メダルが一瞬で!驚きの瞬間
銀メダルが一瞬で金メダルに変わる!? 2020年東京オリンピックを象徴する金メダルのデザイン審査から完成の瞬間まで、1年以上にわたって独占密着した。
大会1年前セレモニーで初披露
この記事の画像(12枚)東京オリンピックの開幕まで1年前となった7月24日、IOCのバッハ会長や安倍総理、メダリストなどそうそうたる顔ぶれが集まったセレモニー会場で東京オリンピックのメダルが披露された。
コンセプトは“光と輪”
直径8.5㎝、重さ556グラム。コンセプトは「光と輝き」。無数の光を集め反射させ、その光はアスリートや周りで支えている人たちのエネルギーを象徴しているという。

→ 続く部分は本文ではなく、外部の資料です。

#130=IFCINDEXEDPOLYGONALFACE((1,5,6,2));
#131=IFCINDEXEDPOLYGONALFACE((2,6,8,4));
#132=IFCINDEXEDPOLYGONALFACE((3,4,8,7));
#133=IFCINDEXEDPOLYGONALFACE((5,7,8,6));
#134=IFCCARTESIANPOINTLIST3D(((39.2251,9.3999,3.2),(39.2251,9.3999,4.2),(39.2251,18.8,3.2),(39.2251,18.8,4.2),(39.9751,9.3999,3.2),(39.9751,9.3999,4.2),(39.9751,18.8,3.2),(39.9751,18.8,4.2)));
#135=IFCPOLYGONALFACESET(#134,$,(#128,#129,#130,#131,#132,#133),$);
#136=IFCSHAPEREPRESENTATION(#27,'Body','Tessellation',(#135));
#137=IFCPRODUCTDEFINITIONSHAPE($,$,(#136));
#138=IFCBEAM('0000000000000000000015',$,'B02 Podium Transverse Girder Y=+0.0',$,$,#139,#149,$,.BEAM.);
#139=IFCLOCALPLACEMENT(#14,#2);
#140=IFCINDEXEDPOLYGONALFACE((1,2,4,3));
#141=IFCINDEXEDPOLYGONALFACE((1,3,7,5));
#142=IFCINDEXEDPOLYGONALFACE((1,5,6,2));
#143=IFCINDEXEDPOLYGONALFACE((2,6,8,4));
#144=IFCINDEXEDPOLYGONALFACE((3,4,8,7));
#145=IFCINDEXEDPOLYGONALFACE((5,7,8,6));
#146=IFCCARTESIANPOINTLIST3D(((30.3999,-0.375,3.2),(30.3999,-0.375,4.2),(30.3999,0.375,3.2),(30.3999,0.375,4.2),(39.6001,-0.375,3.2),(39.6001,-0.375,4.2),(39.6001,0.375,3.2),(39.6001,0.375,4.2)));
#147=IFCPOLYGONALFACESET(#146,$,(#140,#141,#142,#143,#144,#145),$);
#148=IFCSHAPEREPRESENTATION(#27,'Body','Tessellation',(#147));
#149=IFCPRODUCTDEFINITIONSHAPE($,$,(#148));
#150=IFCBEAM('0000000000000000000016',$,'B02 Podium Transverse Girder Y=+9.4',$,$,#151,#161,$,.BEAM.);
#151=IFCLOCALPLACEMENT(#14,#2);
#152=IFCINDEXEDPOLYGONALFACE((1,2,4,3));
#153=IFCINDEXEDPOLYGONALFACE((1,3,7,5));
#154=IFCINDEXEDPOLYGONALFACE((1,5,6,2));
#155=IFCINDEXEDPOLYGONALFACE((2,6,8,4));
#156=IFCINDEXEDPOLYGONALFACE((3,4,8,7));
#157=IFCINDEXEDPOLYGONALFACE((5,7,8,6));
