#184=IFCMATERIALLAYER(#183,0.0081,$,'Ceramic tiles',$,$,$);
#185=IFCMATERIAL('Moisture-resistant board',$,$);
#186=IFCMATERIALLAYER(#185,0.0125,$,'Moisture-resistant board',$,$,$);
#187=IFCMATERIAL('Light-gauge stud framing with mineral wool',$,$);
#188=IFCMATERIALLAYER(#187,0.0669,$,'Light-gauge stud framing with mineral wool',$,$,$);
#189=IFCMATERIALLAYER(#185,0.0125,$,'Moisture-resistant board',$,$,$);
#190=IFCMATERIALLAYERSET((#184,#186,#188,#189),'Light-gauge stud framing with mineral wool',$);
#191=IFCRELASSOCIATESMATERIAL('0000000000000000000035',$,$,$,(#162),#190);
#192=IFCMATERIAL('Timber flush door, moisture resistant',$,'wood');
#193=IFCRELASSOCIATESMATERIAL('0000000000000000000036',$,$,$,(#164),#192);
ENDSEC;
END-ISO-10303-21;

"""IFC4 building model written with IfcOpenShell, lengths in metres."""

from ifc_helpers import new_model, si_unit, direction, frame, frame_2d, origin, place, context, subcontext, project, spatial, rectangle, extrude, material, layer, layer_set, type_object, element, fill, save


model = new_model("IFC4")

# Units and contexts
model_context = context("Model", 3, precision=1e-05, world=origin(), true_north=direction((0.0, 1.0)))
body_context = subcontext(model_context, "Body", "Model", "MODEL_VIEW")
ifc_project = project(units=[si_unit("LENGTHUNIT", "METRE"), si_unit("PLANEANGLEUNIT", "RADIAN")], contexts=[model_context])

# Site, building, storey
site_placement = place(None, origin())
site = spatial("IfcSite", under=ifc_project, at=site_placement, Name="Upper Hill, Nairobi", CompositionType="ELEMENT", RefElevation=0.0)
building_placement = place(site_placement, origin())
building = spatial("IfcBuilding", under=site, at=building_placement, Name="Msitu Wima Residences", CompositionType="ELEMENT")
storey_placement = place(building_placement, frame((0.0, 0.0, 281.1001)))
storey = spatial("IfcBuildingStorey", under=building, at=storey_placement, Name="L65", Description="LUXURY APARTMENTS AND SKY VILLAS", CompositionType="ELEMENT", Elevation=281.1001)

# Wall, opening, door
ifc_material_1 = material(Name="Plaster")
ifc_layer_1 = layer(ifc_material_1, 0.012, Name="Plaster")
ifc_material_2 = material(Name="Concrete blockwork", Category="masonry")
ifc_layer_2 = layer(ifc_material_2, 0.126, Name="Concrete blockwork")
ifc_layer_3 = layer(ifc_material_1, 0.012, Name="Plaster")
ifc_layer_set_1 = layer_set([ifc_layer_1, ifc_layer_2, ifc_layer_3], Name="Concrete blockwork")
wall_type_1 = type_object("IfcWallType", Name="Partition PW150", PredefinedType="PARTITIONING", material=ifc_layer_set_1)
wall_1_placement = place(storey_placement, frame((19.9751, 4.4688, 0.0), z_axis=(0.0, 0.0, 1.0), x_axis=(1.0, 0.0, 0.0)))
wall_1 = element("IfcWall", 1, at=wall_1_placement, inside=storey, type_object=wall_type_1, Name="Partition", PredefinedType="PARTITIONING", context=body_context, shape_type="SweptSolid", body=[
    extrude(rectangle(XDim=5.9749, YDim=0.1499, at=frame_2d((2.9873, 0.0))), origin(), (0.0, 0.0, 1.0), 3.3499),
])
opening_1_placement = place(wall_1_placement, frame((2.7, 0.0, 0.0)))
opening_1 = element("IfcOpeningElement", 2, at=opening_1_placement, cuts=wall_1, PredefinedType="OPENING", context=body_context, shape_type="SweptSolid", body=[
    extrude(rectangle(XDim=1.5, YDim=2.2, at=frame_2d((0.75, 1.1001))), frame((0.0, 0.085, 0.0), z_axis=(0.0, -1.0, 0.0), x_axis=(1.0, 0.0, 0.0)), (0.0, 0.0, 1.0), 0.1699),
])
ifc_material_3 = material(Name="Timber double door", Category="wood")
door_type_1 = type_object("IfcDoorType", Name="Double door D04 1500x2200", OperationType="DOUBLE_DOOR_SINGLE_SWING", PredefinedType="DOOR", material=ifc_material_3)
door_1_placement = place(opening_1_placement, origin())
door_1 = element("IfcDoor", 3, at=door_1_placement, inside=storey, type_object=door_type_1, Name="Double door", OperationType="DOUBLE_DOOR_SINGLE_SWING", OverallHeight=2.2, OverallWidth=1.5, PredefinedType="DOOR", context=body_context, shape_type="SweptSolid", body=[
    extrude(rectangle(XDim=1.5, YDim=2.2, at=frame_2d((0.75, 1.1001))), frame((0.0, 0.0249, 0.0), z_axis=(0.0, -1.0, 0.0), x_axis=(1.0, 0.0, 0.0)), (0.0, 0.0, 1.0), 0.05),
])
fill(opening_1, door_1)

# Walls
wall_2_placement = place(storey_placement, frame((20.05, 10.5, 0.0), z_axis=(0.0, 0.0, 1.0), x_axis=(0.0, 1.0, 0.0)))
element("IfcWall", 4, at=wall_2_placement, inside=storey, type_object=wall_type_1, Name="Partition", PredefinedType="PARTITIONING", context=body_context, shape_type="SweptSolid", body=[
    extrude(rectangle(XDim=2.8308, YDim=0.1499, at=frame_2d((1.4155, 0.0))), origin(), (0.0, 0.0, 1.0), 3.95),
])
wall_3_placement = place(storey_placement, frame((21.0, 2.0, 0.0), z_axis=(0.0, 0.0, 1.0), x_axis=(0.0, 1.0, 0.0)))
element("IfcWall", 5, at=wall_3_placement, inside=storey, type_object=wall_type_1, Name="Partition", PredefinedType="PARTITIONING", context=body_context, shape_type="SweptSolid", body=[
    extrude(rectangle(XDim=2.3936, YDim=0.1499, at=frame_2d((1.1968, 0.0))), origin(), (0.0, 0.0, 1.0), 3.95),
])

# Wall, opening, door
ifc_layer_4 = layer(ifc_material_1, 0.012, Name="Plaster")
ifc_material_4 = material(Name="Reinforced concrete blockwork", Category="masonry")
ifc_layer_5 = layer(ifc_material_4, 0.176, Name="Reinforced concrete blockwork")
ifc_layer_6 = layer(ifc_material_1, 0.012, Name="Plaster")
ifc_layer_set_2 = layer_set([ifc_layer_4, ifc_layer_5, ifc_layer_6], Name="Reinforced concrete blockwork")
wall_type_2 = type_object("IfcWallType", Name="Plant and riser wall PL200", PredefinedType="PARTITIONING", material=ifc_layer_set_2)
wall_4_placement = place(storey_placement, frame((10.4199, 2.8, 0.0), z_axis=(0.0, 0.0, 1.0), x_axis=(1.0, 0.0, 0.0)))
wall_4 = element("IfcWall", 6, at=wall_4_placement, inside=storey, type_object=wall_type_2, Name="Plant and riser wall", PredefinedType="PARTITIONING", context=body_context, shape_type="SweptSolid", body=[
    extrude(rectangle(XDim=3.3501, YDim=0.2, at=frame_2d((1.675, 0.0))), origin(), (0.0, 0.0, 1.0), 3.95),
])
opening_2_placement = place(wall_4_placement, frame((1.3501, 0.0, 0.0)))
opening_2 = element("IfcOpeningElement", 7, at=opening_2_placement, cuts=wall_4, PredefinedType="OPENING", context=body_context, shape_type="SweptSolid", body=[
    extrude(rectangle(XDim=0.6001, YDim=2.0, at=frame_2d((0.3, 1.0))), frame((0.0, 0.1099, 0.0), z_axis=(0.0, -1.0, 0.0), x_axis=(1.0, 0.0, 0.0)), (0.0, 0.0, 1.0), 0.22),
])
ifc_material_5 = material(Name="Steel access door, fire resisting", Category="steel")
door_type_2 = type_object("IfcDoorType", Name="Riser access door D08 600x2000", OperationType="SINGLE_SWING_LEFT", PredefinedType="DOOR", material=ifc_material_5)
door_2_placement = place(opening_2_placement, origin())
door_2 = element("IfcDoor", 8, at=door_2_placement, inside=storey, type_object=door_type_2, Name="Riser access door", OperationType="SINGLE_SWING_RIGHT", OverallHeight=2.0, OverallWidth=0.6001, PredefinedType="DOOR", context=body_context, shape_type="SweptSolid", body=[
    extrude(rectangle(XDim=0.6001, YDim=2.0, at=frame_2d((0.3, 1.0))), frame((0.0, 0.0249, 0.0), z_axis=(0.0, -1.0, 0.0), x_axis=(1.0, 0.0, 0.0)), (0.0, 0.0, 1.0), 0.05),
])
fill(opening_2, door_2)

角度を変えると様々な光り方をし、その輝きは世界中の人々が手をつなぐ「輪」もイメージしていている。
硬貨・メダルのプロフェッショナル集団
メダルを製造するのは桜の通り抜けでも有名な大阪市の独立行政法人造幣局。1円から500円まで硬貨の他、数々の記念硬貨や勲章、国民栄誉賞の盾まで製造している。1964年の東京オリンピックのほか、札幌冬季オリンピック、長野冬季オリンピックのメダルも造幣局で作られており、メダルに関してもまさにプロフェッショナル集団だ。
0.01㎜のカッター痕を削る
まずは採用されたデザインをもとに機械で模様を彫り「金型」を作る。この金型をプレス機にセットしてメダルのデザインを浮かび上がらせるのだが、機械で彫り出した金型には目には見えないカッター痕がレコード盤のように残っているのだとか。太さわずか0.01㎜。このカッター痕を顕微鏡を覗きながら極細の道具を使い手作業で1本1本削っていく。

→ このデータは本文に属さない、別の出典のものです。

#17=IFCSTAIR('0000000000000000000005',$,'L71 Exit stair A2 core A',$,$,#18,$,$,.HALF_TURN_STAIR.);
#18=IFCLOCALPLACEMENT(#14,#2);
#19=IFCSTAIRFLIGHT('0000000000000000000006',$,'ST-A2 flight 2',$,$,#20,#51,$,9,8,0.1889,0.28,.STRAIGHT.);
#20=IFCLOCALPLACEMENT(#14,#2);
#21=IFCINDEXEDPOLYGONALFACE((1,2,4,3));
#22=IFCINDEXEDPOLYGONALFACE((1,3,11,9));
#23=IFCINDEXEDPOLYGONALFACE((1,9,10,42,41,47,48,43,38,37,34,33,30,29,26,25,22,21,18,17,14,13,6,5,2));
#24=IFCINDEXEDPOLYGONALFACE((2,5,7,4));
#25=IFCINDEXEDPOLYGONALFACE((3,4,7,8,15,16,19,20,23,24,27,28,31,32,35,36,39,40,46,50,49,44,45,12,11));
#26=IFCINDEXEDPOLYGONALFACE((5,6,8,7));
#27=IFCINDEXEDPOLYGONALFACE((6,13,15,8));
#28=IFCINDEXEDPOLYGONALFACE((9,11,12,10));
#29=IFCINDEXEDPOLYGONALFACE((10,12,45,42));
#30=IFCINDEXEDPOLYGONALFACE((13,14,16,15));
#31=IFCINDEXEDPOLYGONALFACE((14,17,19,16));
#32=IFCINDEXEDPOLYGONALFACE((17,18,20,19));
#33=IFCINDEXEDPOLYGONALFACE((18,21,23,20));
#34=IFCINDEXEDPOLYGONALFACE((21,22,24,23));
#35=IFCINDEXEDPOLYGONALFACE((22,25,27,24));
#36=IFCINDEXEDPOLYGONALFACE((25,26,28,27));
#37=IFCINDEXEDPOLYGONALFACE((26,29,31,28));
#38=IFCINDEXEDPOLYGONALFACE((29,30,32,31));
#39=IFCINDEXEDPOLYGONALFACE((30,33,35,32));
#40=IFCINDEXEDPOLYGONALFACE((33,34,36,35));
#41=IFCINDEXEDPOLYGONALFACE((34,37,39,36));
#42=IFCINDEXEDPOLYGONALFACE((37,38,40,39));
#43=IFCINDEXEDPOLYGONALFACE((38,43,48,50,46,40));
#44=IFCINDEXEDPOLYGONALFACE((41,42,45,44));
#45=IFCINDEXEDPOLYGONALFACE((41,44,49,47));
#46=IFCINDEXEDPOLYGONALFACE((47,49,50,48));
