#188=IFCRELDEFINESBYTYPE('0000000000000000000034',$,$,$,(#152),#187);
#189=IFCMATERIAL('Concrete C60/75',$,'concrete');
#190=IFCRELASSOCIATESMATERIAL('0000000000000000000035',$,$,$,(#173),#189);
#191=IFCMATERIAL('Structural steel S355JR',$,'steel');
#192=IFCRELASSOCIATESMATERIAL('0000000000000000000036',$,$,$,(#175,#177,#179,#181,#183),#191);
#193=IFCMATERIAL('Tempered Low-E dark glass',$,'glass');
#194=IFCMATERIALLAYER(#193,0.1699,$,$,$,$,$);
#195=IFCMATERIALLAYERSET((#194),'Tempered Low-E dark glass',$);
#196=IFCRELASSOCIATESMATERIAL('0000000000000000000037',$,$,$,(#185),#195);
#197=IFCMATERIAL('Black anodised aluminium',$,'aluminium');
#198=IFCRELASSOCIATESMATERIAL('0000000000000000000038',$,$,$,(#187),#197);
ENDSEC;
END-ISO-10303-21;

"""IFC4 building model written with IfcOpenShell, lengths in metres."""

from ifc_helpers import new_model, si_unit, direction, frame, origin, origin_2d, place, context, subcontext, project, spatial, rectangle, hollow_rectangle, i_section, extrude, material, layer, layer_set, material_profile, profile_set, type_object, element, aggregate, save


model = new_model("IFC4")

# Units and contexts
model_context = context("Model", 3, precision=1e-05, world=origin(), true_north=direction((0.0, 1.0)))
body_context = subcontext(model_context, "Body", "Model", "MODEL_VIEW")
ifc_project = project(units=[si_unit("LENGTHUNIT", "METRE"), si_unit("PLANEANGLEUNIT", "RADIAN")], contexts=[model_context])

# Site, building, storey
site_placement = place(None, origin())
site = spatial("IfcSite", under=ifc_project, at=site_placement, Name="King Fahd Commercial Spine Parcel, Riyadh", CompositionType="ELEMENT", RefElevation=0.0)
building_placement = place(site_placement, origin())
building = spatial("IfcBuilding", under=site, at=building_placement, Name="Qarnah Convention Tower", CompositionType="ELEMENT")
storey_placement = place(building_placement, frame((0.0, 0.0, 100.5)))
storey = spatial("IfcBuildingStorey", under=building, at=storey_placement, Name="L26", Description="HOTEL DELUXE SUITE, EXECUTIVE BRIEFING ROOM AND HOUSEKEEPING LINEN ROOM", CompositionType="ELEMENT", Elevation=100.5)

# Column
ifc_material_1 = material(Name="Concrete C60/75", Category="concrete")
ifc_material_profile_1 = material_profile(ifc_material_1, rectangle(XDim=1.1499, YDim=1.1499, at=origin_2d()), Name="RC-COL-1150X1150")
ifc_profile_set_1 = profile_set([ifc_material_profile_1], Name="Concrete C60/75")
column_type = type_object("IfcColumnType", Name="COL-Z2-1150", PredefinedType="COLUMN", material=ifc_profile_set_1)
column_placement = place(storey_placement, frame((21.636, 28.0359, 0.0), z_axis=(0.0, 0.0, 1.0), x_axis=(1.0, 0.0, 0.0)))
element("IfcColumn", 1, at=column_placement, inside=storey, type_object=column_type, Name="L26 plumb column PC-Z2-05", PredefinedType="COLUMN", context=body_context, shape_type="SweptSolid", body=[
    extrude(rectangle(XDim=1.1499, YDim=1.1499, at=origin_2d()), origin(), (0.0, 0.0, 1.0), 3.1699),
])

目に見えない程の痕がメダルに影響するのか不思議だが…。
「プレスして物になった時にカッター痕があると微妙な違いが出るんです」
入局以来36年間この作業を担当している土堤内靖さん(55)は前回の東京オリンピックが開催された1964年生まれ。
「何か縁があるのかと思うところはあります(笑)。デザイナーさんの意思を崩さないように作業するのは難しいですが、みんなが注目するオリンピックだけに(メダルの製造も)成功させなければいけないと思います」
3回のプレスで足の指がくっきりに
出来上がった金型をセットしてプレス作業に。1回で一気にデザインを浮かび上がらせるのでなく、3回に分けて少しずつ地金に形を打ち込んでいく。

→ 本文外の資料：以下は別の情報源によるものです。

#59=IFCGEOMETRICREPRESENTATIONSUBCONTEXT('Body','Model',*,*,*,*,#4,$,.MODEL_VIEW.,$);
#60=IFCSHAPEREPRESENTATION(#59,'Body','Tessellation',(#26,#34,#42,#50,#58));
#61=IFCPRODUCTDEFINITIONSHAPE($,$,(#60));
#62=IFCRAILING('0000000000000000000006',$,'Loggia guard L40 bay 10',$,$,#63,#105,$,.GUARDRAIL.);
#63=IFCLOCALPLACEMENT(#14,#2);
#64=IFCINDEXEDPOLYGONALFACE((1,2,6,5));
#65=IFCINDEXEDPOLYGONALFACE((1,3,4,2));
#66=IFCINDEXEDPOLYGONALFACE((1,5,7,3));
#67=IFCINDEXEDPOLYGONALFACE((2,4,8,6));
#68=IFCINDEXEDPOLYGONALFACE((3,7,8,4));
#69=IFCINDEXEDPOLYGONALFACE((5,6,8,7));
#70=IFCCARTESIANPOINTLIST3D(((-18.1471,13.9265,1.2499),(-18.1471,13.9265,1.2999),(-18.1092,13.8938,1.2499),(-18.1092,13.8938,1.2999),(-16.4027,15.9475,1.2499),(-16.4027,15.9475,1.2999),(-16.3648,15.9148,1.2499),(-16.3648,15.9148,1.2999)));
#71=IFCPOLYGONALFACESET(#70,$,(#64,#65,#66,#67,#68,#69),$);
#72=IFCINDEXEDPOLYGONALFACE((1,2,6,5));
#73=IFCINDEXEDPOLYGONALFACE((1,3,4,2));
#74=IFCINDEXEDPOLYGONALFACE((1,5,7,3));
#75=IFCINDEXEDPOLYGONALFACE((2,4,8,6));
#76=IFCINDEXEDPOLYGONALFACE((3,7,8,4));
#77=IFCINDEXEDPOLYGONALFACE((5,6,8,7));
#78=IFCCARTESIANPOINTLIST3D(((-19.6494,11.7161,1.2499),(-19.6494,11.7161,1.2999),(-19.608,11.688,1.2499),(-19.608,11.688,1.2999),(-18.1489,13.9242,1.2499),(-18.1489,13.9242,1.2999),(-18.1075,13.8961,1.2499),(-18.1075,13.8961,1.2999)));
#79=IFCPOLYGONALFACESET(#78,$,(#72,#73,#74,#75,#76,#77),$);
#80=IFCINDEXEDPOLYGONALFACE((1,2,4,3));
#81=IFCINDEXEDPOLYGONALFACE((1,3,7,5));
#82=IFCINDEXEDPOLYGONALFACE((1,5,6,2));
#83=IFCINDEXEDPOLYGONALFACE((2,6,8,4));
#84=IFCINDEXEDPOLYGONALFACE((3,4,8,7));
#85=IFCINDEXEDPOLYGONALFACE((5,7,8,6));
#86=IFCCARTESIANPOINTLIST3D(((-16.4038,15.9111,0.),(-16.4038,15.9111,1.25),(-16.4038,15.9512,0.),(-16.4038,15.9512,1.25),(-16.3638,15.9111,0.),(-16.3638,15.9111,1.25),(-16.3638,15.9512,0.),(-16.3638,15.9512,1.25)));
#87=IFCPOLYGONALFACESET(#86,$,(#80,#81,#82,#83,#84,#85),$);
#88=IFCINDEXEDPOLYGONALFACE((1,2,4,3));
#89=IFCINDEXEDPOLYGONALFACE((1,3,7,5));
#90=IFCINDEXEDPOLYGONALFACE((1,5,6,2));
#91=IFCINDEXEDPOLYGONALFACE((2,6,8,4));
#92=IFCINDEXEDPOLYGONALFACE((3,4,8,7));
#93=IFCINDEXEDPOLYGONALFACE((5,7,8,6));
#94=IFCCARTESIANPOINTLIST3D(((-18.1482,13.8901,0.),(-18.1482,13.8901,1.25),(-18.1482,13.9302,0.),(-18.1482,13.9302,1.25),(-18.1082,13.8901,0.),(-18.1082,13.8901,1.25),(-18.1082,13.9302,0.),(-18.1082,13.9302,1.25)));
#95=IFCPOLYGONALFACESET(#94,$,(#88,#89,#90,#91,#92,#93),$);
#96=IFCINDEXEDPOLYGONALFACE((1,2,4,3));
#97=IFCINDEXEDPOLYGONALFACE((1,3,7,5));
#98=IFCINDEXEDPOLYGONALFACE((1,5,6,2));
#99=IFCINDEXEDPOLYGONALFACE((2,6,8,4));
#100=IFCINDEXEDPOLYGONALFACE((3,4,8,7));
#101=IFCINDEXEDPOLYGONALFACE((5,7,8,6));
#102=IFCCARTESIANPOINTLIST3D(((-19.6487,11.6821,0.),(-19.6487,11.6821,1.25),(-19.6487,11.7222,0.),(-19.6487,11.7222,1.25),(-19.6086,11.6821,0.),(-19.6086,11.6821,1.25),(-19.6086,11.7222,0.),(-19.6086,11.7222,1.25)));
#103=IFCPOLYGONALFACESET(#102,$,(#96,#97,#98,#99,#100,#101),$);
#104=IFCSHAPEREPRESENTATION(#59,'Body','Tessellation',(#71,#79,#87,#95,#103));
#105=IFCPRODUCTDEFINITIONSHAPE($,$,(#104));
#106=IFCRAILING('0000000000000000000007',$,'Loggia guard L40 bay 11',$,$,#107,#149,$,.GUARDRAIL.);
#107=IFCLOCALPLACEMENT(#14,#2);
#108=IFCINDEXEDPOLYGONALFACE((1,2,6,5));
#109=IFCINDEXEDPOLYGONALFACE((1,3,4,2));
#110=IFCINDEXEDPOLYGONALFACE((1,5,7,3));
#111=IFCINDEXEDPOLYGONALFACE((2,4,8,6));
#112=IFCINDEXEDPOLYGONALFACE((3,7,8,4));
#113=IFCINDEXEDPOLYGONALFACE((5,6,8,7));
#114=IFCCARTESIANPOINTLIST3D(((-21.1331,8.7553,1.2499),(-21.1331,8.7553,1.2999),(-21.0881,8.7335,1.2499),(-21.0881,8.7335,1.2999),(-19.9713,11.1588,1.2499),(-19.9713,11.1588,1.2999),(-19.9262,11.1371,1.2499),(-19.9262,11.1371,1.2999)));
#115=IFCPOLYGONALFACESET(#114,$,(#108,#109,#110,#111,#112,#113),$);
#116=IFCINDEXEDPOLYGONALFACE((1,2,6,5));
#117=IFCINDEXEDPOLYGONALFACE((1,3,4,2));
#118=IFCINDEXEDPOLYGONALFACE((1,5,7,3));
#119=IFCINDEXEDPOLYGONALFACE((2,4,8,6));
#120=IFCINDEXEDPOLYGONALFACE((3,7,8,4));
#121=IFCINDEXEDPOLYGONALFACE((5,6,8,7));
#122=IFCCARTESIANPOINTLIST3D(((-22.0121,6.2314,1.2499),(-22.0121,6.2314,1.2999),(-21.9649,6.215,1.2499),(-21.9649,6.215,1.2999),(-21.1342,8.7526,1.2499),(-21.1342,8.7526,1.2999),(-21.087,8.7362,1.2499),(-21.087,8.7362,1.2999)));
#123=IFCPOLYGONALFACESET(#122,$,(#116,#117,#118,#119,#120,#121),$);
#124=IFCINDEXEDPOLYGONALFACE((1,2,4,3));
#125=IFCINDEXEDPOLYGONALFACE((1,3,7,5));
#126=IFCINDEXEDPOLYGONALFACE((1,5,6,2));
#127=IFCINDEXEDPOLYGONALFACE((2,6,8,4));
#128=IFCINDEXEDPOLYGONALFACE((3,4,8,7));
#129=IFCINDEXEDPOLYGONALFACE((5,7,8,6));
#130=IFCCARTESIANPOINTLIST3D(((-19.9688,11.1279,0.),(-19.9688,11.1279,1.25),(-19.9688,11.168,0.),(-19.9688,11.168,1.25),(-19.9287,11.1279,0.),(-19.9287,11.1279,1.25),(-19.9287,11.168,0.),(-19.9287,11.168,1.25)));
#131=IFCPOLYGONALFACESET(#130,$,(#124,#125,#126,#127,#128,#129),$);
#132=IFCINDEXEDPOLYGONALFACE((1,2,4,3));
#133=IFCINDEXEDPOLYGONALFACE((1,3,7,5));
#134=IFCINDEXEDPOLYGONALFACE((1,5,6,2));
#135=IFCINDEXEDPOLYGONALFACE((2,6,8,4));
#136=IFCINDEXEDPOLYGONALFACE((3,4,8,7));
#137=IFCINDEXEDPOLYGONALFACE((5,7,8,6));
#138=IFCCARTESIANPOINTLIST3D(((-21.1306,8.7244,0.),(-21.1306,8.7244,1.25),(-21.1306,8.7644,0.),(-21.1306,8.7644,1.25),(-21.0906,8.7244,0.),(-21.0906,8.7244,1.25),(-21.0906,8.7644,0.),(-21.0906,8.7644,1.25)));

1回目から3回目を比べるとニケ(勝利の女神)の足指やすねが徐々にくっきりする。
ちなみに銀メダルだと1回目330トン、2回目380トン、3回目470トンと少しずつ圧を強めていくのも確実に模様を浮き上がらせる日本技術のきめ細かさだ。(銅メダルは4回にわけてプレス)
5000個のメダル1つ1つを“手作業”で
一度プレスした地金は堅くなってしまうため、熱を加えて柔らかくする。 800℃で15分間焼かれた地金はすぐに水で冷やした後、表面についた皮膜を洗い落とし再びプレスへ。
「模様に沿って洗わないときれいに膜が取れないんですよ。機械作業と言っても、細かい部分は1つ1つ手作業ですね」(装金課 中村達也さん)
最新技術の導入は進むものの、やはり“職人”の手作業は欠かせない。
「オリンピックもそうだけど、僕らもチームワークで流れるように、プレスする人の負担にならないようになるべく早くいい状態で渡さないと作業が滞ってしまう。時間との闘い」
一瞬で「銀メダル」が「金メダル」になる驚き
3回目のプレス後いくつかの工程を経て、いよいよ金を付着させる最終工程へ。ご存知の方も多いと思うが、金メダルはベースが銀メダルでその上に金がコーティングされている。
見た目は透明な金メッキの液に銀メダルを入れ、電気を通すと…「銀メダル」が一瞬で「金メダル」に変化する!一連の作業の中で一番驚いた場面だ。
「シアン化金カリウムとシアン化カリウムを溶かした液に電気を通すと液体中の金が一瞬で銀メダルに付着するんです」(装金課 北野哲さん)
知識の乏しい記者には説明はなかなか頭に入ってこなかったが、目の前で起きた“化学反応”には感動に近い驚きを感じた。撮影に立ち会っていた大会組織委員会のスタッフからも驚きの声が上がっていた。
東京オリンピック“最初の金メダル”
その後、さらに金を付着させるために金メッキ液に合わせて約2時間投入すると…
こちらが完成した2020年東京オリンピック最初の金メダル。ちなみに競技は「ソフトボール」。
重さは556グラムだが、実際に持ってみると不思議とそれ以上の重みを感じた。
表面(左)には1928年のアムステルダム大会以降、ギリシャ神話に登場する勝利の女神「ニケ」が描かれている。そして裏面(右)が今大会のデザインとなっている。掌の上で角度を変えるたびに放つ様々な輝きは、多様性を示すと共に、世界中の人々が手をつないでいる様子もイメージしているという。
1つのメダルの製作に要するのはおよそ1週間 。 5000個のメダル1つ1つを“職人”たちが手作業で仕上げていく。
日本の“匠の技術”が詰まったメダルが1年後、世界の頂点を極めたアスリートの胸に輝く。